No way back

There are moments when choices have to be made. This is perhaps one of those, for me.

Ever since 2020, I kept my life in a holding pattern. Not thinking about the future, living a day at a time! It worked well - it was the right mode for the pandemic. But now I am getting tired of not dreaming.

I must concede that the year has been extremely productive for me in a variety of ways. It's not just about overcoming my earlier entrepreneurial failure - which I have been brooding over for seven years and still dealing with its consequences - but also about learning a few things about entrepreneurship itself.

As a result, I live a very different life now: I have gone back to being a company man I once was. Along the way, I became conscious of my baggage. I now have a clear idea what success looks like - how singularly focused, totally unconcerned about nuances one needs to be - and how my fundamental assumptions about business life were always too idealistic.

I grew up in an entrepreneurial family, with close contact and active supervision of my grandfather, a hardworking man who built a successful business ground up. But my ideas were those of a Bengali businessman - as anachronistic as it sounds - one that deals with money not as an end in itself, but a way to meaningful life. All those principles I grew up with - hard work, commitment, the duty of care - might have worked at a different time, but not at this particular moment of gravity-defying money supply and rentier rule! Basically, my main-street world-view was totally out of date.

But I have tried and failed to be a company man as well: I got tired and left it midway. I was modestly climbing the ladder and learnt the art of manipulation - which some calls management - well. I realised I could survive - but then did not want to. I left the company where I could have made my career, not once but twice (once for an entrepreneurial stint and then again to migrate). In a way, I self-retired from corporate life.

Until now, that is. I got back to it as a sort of emergency response and enjoyed recently the action-oriented days. But, now, the penny drops: As the pandemic recedes (in my mind, it has become a logistics problem), I am able to look at the future with somewhat more certainty, I feel the need to get off the holding course. Besides, it was my birthday a few days back and I feel older, wiser and more in a hurry.

Which means it needs to be all-change in my life, again. I haven't put a date to this, but soon. I would rather stop doing all the mediocre stuff that I do, all the daily compromises I make and start moving towards that one big goal that I have in life. That of creating something new and beautiful, a life up from scratch. I have lived a life of conformity - that was what I was taught and that was what I had to do - and I feel I have lived an entire lifetime conforming. 

There is, also, this question of going back. This popped up in my head from time to time, a type of sweet nostalgia to be back where I started. I still remember the moment - on a January evening years ago - when I packed my bags and promised to myself that I would be back really soon. This holding course of the last year is just a part of that bigger holding course - living out a suitcase, never giving up on that idea of return - and I must also put that idea to rest.

But, I am conscious that there is really no way back. As you can't step into the same river twice, what I left, has left. I may be able to close my eyes and see the house of my childhood and all the sweet smells (and street-food, as one must remember) and lights, and the cool breeze of Northwesters and the cooling shadow of trees in the blazing Sun - but that's all really inside me! Ahead, there is no way back. 
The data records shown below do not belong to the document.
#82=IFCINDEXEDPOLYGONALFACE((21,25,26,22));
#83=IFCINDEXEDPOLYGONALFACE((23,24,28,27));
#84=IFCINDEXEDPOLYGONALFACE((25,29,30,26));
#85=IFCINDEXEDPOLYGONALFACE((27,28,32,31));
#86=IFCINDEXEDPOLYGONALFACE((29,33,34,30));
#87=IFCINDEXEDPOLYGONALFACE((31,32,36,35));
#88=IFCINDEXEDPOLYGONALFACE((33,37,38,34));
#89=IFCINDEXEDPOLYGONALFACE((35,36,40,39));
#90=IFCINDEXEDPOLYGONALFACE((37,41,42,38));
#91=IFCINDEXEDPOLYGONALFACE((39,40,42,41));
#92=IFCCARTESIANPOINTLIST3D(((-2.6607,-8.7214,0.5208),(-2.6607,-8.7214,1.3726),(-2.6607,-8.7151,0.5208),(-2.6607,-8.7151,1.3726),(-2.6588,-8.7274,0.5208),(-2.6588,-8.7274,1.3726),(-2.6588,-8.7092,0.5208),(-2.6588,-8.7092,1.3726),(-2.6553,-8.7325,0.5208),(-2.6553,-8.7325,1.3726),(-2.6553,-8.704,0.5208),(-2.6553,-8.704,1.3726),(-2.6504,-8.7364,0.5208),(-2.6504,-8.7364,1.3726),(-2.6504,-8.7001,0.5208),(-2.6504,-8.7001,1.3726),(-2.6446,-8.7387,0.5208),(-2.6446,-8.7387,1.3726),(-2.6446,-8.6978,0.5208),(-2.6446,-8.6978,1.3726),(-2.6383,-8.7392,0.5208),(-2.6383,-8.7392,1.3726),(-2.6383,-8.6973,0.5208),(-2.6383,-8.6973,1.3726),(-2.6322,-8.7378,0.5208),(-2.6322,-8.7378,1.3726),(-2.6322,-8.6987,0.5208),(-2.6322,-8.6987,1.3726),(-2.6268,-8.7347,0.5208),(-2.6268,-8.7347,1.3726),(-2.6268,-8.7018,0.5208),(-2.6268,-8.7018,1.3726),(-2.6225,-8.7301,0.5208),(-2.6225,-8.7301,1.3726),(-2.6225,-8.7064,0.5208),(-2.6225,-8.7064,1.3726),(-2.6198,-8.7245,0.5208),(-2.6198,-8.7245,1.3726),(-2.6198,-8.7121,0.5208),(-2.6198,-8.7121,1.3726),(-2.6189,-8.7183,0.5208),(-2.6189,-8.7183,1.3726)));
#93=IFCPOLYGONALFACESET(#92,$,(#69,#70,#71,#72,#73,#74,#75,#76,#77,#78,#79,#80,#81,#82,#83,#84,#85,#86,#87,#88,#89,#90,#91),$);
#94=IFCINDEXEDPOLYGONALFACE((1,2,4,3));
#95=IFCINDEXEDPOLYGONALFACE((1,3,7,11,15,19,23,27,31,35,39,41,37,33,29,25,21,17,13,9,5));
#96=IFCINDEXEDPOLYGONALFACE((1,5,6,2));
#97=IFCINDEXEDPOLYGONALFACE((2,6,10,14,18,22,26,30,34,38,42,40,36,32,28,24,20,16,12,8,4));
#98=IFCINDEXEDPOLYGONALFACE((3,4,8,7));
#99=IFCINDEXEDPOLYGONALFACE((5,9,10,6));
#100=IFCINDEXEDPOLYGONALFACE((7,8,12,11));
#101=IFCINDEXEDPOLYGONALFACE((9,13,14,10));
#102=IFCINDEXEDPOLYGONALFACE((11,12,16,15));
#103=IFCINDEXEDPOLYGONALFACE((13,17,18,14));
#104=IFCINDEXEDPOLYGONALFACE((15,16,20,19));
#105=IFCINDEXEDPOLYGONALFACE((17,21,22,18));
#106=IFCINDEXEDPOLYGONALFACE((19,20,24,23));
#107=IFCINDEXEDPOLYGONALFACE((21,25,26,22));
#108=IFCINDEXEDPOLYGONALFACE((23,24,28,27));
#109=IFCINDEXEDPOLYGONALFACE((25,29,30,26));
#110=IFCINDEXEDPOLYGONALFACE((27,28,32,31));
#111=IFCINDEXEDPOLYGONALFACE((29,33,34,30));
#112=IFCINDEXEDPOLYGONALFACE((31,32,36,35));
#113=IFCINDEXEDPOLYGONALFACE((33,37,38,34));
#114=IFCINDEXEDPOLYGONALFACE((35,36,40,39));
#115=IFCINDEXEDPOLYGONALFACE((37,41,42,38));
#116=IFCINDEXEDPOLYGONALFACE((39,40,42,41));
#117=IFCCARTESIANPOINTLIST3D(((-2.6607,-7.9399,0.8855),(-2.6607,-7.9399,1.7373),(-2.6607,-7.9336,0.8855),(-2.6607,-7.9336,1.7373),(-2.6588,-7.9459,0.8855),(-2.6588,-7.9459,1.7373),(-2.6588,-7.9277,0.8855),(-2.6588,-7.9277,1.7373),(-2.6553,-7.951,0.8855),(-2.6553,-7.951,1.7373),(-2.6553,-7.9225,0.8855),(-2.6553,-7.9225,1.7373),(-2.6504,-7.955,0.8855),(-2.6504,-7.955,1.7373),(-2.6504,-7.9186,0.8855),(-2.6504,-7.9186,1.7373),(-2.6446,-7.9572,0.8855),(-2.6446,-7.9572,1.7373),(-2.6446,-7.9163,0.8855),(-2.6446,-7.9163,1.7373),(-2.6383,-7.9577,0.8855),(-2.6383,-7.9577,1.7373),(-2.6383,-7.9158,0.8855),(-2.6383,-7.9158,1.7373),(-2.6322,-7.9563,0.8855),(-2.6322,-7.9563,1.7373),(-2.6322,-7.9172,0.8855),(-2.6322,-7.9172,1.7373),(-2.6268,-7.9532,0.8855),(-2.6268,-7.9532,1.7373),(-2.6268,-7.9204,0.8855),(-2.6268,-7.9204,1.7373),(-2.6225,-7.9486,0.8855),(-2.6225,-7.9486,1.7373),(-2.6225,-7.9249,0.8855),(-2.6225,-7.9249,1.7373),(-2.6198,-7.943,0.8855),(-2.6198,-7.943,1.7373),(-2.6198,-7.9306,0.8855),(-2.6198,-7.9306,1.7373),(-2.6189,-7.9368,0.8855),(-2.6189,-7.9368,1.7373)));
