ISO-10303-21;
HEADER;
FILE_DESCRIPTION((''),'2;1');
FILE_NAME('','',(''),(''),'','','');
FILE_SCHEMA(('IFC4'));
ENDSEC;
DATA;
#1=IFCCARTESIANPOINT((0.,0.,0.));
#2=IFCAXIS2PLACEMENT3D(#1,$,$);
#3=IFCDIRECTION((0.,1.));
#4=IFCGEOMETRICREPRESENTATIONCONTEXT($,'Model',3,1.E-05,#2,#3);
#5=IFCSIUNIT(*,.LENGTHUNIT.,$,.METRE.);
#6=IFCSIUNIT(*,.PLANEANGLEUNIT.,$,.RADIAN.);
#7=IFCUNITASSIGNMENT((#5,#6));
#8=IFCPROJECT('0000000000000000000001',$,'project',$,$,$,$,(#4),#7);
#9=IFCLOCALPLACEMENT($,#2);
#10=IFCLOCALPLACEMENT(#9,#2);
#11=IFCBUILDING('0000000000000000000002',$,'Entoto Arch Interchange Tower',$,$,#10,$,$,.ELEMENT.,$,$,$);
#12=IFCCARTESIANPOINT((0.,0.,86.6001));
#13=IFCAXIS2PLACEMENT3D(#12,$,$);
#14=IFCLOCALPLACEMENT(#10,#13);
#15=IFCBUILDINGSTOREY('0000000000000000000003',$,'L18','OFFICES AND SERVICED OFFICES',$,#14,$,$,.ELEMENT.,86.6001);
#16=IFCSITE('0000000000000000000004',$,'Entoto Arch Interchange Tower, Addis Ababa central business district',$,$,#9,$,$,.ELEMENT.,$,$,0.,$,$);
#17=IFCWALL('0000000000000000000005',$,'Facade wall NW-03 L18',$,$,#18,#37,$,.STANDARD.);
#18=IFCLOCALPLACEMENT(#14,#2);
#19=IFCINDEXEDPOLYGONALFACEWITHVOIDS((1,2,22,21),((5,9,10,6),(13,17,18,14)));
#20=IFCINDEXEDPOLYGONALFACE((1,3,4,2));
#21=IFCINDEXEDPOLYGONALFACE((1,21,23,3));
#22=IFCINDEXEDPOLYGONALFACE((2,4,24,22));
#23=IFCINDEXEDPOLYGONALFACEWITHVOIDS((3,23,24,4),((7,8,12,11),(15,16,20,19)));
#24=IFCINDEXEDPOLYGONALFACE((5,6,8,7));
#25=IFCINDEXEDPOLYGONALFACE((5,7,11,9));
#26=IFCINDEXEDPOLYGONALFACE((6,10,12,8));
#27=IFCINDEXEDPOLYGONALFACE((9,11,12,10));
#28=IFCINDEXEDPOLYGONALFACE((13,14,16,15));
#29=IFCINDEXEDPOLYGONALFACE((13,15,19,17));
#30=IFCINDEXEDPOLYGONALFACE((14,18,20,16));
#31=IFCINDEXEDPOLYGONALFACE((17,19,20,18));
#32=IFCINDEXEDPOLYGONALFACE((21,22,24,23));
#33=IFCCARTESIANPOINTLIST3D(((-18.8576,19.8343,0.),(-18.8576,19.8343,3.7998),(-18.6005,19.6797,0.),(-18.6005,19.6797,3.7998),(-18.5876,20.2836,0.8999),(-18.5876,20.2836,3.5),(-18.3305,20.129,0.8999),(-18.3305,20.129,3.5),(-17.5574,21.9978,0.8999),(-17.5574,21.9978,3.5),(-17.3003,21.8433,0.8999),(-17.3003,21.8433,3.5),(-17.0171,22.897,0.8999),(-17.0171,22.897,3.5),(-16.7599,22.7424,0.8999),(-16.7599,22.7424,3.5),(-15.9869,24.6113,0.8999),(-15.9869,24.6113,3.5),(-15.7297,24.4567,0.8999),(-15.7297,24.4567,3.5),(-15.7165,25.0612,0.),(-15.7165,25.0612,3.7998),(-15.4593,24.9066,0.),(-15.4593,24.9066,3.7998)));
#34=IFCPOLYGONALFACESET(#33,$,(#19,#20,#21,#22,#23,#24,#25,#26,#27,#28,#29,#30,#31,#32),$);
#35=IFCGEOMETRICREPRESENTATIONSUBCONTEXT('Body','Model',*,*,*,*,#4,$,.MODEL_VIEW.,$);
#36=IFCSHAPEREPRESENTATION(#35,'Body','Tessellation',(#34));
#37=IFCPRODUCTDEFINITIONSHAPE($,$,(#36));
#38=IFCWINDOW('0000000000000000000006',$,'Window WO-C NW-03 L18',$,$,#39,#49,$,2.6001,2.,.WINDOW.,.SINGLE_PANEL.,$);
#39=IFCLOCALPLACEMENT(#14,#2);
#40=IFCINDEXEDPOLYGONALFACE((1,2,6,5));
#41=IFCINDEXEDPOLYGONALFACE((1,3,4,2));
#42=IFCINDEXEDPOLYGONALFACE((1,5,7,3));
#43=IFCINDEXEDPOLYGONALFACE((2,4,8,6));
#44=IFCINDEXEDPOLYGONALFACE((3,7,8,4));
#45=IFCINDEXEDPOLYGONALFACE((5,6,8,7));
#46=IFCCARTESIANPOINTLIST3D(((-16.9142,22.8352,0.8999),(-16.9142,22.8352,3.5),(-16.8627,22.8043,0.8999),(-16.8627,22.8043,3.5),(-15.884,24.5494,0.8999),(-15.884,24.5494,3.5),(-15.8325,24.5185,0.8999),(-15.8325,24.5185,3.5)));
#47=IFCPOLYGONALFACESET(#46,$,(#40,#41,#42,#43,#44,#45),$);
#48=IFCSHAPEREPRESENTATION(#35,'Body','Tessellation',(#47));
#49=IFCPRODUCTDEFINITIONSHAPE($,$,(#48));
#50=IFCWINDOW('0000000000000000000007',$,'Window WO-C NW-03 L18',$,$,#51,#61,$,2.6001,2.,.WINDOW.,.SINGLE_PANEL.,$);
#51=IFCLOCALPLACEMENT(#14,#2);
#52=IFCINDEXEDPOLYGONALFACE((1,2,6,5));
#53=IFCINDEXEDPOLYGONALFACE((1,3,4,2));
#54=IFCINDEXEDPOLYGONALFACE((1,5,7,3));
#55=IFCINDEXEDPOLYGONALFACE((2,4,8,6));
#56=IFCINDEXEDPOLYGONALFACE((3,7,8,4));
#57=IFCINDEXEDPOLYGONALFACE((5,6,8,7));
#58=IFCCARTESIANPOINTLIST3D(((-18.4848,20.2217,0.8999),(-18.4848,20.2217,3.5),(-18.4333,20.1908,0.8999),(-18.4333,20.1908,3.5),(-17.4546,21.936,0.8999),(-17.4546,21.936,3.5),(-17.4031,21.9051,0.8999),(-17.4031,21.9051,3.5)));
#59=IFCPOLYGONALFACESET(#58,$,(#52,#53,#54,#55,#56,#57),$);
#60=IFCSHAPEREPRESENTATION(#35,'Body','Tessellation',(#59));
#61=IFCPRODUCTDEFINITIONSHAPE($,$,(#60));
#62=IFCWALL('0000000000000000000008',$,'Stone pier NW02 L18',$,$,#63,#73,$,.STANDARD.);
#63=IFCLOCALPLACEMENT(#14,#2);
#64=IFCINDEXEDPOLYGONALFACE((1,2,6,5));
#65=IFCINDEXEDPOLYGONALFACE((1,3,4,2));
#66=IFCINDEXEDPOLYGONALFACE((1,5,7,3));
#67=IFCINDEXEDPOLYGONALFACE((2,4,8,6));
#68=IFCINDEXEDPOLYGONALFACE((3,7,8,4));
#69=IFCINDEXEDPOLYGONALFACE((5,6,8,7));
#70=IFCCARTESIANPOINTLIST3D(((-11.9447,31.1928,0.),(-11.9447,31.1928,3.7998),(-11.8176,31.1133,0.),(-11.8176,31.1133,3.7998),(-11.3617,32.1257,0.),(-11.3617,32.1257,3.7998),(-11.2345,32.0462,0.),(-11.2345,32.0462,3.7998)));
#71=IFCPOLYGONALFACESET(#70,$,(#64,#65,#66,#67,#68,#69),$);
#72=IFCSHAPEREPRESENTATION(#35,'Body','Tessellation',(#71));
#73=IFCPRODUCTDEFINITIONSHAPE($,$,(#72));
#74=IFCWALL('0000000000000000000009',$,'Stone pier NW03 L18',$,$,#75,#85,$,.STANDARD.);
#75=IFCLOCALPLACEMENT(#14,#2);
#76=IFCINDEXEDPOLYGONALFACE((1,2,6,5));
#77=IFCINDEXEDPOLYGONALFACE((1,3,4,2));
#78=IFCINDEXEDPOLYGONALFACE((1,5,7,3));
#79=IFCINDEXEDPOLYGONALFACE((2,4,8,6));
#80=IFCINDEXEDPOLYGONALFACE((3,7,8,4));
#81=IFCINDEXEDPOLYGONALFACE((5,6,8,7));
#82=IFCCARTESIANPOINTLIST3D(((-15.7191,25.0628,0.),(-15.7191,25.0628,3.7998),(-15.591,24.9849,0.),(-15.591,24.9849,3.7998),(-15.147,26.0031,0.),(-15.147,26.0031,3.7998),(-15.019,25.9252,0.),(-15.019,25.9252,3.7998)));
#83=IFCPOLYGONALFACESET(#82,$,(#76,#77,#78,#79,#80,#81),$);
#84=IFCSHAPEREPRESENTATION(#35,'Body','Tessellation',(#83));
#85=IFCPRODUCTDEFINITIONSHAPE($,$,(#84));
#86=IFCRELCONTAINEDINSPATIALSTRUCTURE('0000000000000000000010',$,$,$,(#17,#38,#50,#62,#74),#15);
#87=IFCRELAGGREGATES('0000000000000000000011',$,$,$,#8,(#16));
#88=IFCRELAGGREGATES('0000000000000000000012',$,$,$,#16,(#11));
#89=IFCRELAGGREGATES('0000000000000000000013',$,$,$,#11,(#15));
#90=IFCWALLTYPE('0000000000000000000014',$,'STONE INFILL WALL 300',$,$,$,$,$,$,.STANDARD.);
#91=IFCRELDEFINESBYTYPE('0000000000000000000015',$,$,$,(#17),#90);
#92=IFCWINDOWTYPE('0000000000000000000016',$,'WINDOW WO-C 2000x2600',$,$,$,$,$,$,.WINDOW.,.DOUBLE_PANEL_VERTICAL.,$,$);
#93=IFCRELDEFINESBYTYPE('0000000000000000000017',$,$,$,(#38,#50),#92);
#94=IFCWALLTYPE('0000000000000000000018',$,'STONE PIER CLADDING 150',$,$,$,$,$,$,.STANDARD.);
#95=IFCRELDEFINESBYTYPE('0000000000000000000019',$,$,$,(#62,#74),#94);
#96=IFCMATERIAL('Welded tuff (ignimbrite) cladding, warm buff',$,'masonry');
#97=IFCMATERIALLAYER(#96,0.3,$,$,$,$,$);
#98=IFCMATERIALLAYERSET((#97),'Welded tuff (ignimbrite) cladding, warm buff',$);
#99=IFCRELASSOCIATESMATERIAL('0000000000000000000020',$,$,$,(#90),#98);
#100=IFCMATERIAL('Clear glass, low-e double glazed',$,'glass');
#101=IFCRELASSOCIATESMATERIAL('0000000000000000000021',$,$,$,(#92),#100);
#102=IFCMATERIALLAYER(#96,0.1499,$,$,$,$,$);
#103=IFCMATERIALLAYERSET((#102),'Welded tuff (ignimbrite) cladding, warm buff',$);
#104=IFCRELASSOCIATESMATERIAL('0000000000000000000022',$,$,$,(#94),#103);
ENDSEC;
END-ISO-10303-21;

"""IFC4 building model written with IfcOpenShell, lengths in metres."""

from ifc_helpers import new_model, si_unit, direction, frame, frame_2d, origin, place, context, subcontext, project, spatial, rectangle, extrude, material, layer, layer_set, type_object, element, fill, save


model = new_model("IFC4")

# Units and contexts
model_context = context("Model", 3, precision=1e-05, world=origin(), true_north=direction((0.0, 1.0)))
body_context = subcontext(model_context, "Body", "Model", "MODEL_VIEW")
ifc_project = project(units=[si_unit("LENGTHUNIT", "METRE"), si_unit("PLANEANGLEUNIT", "RADIAN")], contexts=[model_context])

# Site, building, storey
site_placement = place(None, origin())
site = spatial("IfcSite", under=ifc_project, at=site_placement, Name="Entoto Arch Interchange Tower, Addis Ababa central business district", CompositionType="ELEMENT", RefElevation=0.0)
building_placement = place(site_placement, origin())
building = spatial("IfcBuilding", under=site, at=building_placement, Name="Entoto Arch Interchange Tower", CompositionType="ELEMENT")
storey_placement = place(building_placement, frame((0.0, 0.0, 86.6001)))
storey = spatial("IfcBuildingStorey", under=building, at=storey_placement, Name="L18", Description="OFFICES AND SERVICED OFFICES", CompositionType="ELEMENT", Elevation=86.6001)

# Shared definitions
ifc_material_1 = material(Name="Welded tuff (ignimbrite) cladding, warm buff", Category="masonry")
ifc_layer_1 = layer(ifc_material_1, 0.3)
ifc_layer_set_1 = layer_set([ifc_layer_1], Name="Welded tuff (ignimbrite) cladding, warm buff")
wall_type_1 = type_object("IfcWallType", Name="STONE INFILL WALL 300", PredefinedType="STANDARD", material=ifc_layer_set_1)
ifc_material_2 = material(Name="Clear glass, low-e double glazed", Category="glass")
window_type = type_object("IfcWindowType", Name="WINDOW WO-C 2000x2600", PartitioningType="DOUBLE_PANEL_VERTICAL", PredefinedType="WINDOW", material=ifc_material_2)

# Wall, openings, windows
wall_1_placement = place(storey_placement, frame((-15.5879, 24.9839, 0.0), z_axis=(0.0, 0.0, 1.0), x_axis=(-0.515102, -0.857129, 0.0)))
wall_1 = element("IfcWall", 1, at=wall_1_placement, inside=storey, type_object=wall_type_1, Name="Facade wall NW-03 L18", PredefinedType="STANDARD", context=body_context, shape_type="SweptSolid", body=[
    extrude(rectangle(XDim=6.0981, YDim=0.3, at=frame_2d((3.0491, 0.0))), origin(), (0.0, 0.0, 1.0), 3.7998),
])
opening_1_placement = place(wall_1_placement, frame((0.5249, 0.0, 0.8999)))
opening_1 = element("IfcOpeningElement", 2, at=opening_1_placement, cuts=wall_1, PredefinedType="OPENING", context=body_context, shape_type="SweptSolid", body=[
    extrude(rectangle(XDim=2.0, YDim=2.6001, at=frame_2d((1.0, 1.3))), frame((0.0, 0.1602, 0.0), z_axis=(0.0, -1.0, 0.0), x_axis=(1.0, 0.0, 0.0)), (0.0, 0.0, 1.0), 0.3201),
])
opening_2_placement = place(wall_1_placement, frame((3.574, 0.0, 0.8999)))
opening_2 = element("IfcOpeningElement", 3, at=opening_2_placement, cuts=wall_1, PredefinedType="OPENING", context=body_context, shape_type="SweptSolid", body=[
    extrude(rectangle(XDim=2.0, YDim=2.6001, at=frame_2d((1.0, 1.3))), frame((0.0, 0.1602, 0.0), z_axis=(0.0, -1.0, 0.0), x_axis=(1.0, 0.0, 0.0)), (0.0, 0.0, 1.0), 0.3201),
])
window_1_placement = place(opening_1_placement, origin())
window_1 = element("IfcWindow", 4, at=window_1_placement, inside=storey, type_object=window_type, Name="Window WO-C NW-03 L18", OverallHeight=2.6001, OverallWidth=2.0, PartitioningType="SINGLE_PANEL", PredefinedType="WINDOW", context=body_context, shape_type="SweptSolid", body=[
    extrude(rectangle(XDim=2.0, YDim=2.6001, at=frame_2d((1.0, 1.3))), frame((0.0, 0.03, 0.0), z_axis=(0.0, -1.0, 0.0), x_axis=(1.0, 0.0, 0.0)), (0.0, 0.0, 1.0), 0.0601),
])
fill(opening_1, window_1)
window_2_placement = place(opening_2_placement, origin())
window_2 = element("IfcWindow", 5, at=window_2_placement, inside=storey, type_object=window_type, Name="Window WO-C NW-03 L18", OverallHeight=2.6001, OverallWidth=2.0, PartitioningType="SINGLE_PANEL", PredefinedType="WINDOW", context=body_context, shape_type="SweptSolid", body=[
    extrude(rectangle(XDim=2.0, YDim=2.6001, at=frame_2d((1.0, 1.3))), frame((0.0, 0.03, 0.0), z_axis=(0.0, -1.0, 0.0), x_axis=(1.0, 0.0, 0.0)), (0.0, 0.0, 1.0), 0.0601),
])
fill(opening_2, window_2)

# Walls
ifc_layer_2 = layer(ifc_material_1, 0.1499)
ifc_layer_set_2 = layer_set([ifc_layer_2], Name="Welded tuff (ignimbrite) cladding, warm buff")
wall_type_2 = type_object("IfcWallType", Name="STONE PIER CLADDING 150", PredefinedType="STANDARD", material=ifc_layer_set_2)
wall_2_placement = place(storey_placement, frame((-11.2981, 32.0859, 0.0), z_axis=(0.0, 0.0, 1.0), x_axis=(-0.529979, -0.848011, 0.0)))
element("IfcWall", 6, at=wall_2_placement, inside=storey, type_object=wall_type_2, Name="Stone pier NW02 L18", PredefinedType="STANDARD", context=body_context, shape_type="SweptSolid", body=[
    extrude(rectangle(XDim=1.1001, YDim=0.1499, at=frame_2d((0.55, 0.0))), origin(), (0.0, 0.0, 1.0), 3.7998),
])
wall_3_placement = place(storey_placement, frame((-15.083, 25.9641, 0.0), z_axis=(0.0, 0.0, 1.0), x_axis=(-0.519771, -0.854306, 0.0)))
element("IfcWall", 7, at=wall_3_placement, inside=storey, type_object=wall_type_2, Name="Stone pier NW03 L18", PredefinedType="STANDARD", context=body_context, shape_type="SweptSolid", body=[
    extrude(rectangle(XDim=1.1006, YDim=0.1499, at=frame_2d((0.5503, 0.0))), origin(), (0.0, 0.0, 1.0), 3.7998),
])

save(model, "model.ifc")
So, perhaps, ahead of me is Europe. In the years that passed, I developed a deep Teutonophilia, of that flawed nation that could accept and live with its flaws. Having lived in Britain for so long (seventeen years this summer), I know of the ugly unresolved imperial confusion at its heart (something that was clearly on display in Brexit). This has become less of a place to be cosmopolitan of my quest. Besides, the Anglo-American opportunity capitalism is tearing apart the world and, though this is what I do - sell 'western' education to fawning students - I am acutely aware of its limitations. Therefore, I am looking to change my base as well as my work, and perhaps start a new stint as the pandemic recedes. 

Indeed, I wanted this for some time and half-heartedly worked towards it. But I never let go of the idea of return and therefore, never felt the desperation. Brexit, the destruction of the idea of India back home, and the widespread 'failure of civilisation' in the face of the pandemic, spurred me on a different course. I know there is no way back; what I need to return is not to a place, but to myself, to a freedom of thought I long lost.




 

  

 




Comments

Preceptor said…
I feel your pain!
You are not alone - the movement to bring about a better world is just a few people short of the critical mass required to action the change required. All over the world people are beginning to realise that "we are one with each other and we are one with the source of life" Covid has taught us that we have resources to overcome it but only if the resources are used globally. We have the resources to provide clean drinking water, food and education for all we just need a critical mass of people to ensure that the abundance provided by our planet is distributed fairly - it is a spiritual/moral problem, not a resource problem. It is challenging but not difficult. Once the difference, between a challenging problem and a difficult one, is understood we can take the required action.
Putting a man on the moon is challenging but not difficult if you harness the right resouces. We do have the resources now to create an educational ecosystem fit for the 21st century - join with other to accept the challenge!